# Music Composition class?



## MEDIEVAL MIAMI (May 10, 2009)

Is there such a thing as a music composition class? If so, what do they teach? And, am I less of a composer if I was, at some point, instructed how to play with my ideas and creativity?
Since my professors’ teachings are influencing my work, do I get credit for my full creativity or is it partial?


----------



## emiellucifuge (May 26, 2009)

of course they exist, in fact the majority of composers will have taken lessons. it doesnt detract from a composers worth at all, as most professors aim to aid the student in developing their own style.


----------



## MEDIEVAL MIAMI (May 10, 2009)

That's good to know.

Right now I'm applying to university, do I have to be majoring on music in order to take that class? I'm an architecture student, but I've been thinking on taking music composition class.


----------



## dmg (Sep 13, 2009)

The only pre-requisite for Music Composition is that you know how to read music. You'd be surprised how many students in my composition class got up and left because they only knew how to read guitar tabs or whatnot.

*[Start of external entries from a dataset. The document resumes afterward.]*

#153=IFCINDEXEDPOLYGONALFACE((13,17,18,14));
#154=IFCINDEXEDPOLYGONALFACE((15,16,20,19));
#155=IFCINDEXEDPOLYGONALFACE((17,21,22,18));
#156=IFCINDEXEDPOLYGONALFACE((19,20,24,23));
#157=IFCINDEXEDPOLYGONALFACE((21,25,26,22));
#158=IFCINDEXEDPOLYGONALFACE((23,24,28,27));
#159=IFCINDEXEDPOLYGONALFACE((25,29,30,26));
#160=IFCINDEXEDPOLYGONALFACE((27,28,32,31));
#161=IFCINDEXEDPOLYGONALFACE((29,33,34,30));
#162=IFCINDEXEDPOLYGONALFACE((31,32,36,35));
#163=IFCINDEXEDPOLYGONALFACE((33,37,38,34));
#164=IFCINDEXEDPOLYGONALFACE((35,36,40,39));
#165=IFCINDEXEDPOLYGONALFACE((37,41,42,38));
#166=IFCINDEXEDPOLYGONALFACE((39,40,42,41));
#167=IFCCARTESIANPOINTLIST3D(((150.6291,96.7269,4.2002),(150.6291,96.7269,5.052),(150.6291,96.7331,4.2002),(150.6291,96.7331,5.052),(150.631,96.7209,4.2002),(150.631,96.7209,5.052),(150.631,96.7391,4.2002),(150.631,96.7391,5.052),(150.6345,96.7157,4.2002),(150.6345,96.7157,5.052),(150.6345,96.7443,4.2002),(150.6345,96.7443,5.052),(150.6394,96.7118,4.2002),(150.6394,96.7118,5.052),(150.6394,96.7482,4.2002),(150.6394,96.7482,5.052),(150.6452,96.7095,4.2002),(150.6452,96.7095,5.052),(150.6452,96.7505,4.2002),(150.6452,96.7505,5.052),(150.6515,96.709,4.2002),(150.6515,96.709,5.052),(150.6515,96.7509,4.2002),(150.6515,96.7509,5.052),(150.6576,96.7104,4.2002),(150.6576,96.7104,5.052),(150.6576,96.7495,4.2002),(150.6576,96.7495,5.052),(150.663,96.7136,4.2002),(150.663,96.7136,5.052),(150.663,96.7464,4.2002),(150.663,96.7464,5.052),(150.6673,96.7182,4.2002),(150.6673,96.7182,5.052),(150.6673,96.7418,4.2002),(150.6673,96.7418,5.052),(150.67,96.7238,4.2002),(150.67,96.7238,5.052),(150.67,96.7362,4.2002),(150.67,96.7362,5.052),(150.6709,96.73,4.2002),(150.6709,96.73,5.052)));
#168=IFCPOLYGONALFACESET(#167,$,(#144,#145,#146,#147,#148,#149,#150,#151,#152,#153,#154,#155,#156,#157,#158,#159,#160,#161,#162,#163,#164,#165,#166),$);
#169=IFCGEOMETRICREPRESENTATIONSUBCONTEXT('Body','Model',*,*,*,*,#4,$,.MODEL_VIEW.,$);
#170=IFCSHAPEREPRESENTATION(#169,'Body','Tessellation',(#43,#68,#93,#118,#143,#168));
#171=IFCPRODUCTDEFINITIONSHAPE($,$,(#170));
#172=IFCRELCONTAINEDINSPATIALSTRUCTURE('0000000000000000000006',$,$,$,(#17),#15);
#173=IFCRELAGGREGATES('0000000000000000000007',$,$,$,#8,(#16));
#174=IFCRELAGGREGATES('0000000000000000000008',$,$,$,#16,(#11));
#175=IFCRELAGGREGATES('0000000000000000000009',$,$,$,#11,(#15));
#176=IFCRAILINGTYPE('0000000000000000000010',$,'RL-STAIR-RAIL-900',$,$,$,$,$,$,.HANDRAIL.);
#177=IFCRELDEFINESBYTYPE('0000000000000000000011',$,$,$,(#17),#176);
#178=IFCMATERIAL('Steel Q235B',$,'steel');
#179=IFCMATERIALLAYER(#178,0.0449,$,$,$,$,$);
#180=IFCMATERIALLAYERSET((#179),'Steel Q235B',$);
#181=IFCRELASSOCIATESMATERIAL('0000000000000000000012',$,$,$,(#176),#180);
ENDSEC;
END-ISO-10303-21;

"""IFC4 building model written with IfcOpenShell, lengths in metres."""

This literally happened in Comp I: "You mean I have to be able to read music?" *gets up and leaves*

There was also a woman who was being stubborn and tried to get the professor to explain every basic facet of music theory. She finally dropped after about two weeks.

If you aren't adept at reading music, I recommend taking Music Reading beforehand - even if you have some history in music (such as band or chorus).


----------



## emiellucifuge (May 26, 2009)

Im not sure about the US but here in europe there are quite a few more prerequsites including the submission of a portfolio, listening tests, solfege and perhaps a written examination.


----------



## Guest (Jan 1, 2011)

At my university, you have to have passed theory I-IV with good grades in order to get into comp lessons. I'll be taking theory IV next semester and hopefully I can get into comp lessons.


----------



## dmg (Sep 13, 2009)

I guess it depends on the college / university - my school had no official curriculum pre-requisite requirements for registration.


----------



## Nix (Feb 20, 2010)

emiellucifuge said:


> Im not sure about the US but here in europe there are quite a few more prerequsites including the submission of a portfolio, listening tests, solfege and perhaps a written examination.


That's the same as in the US- if you're applying as a composition major. Taking composition classes are different, especially at a large university. I'd say the same as others, know how to read music and have a general background in music theory.


----------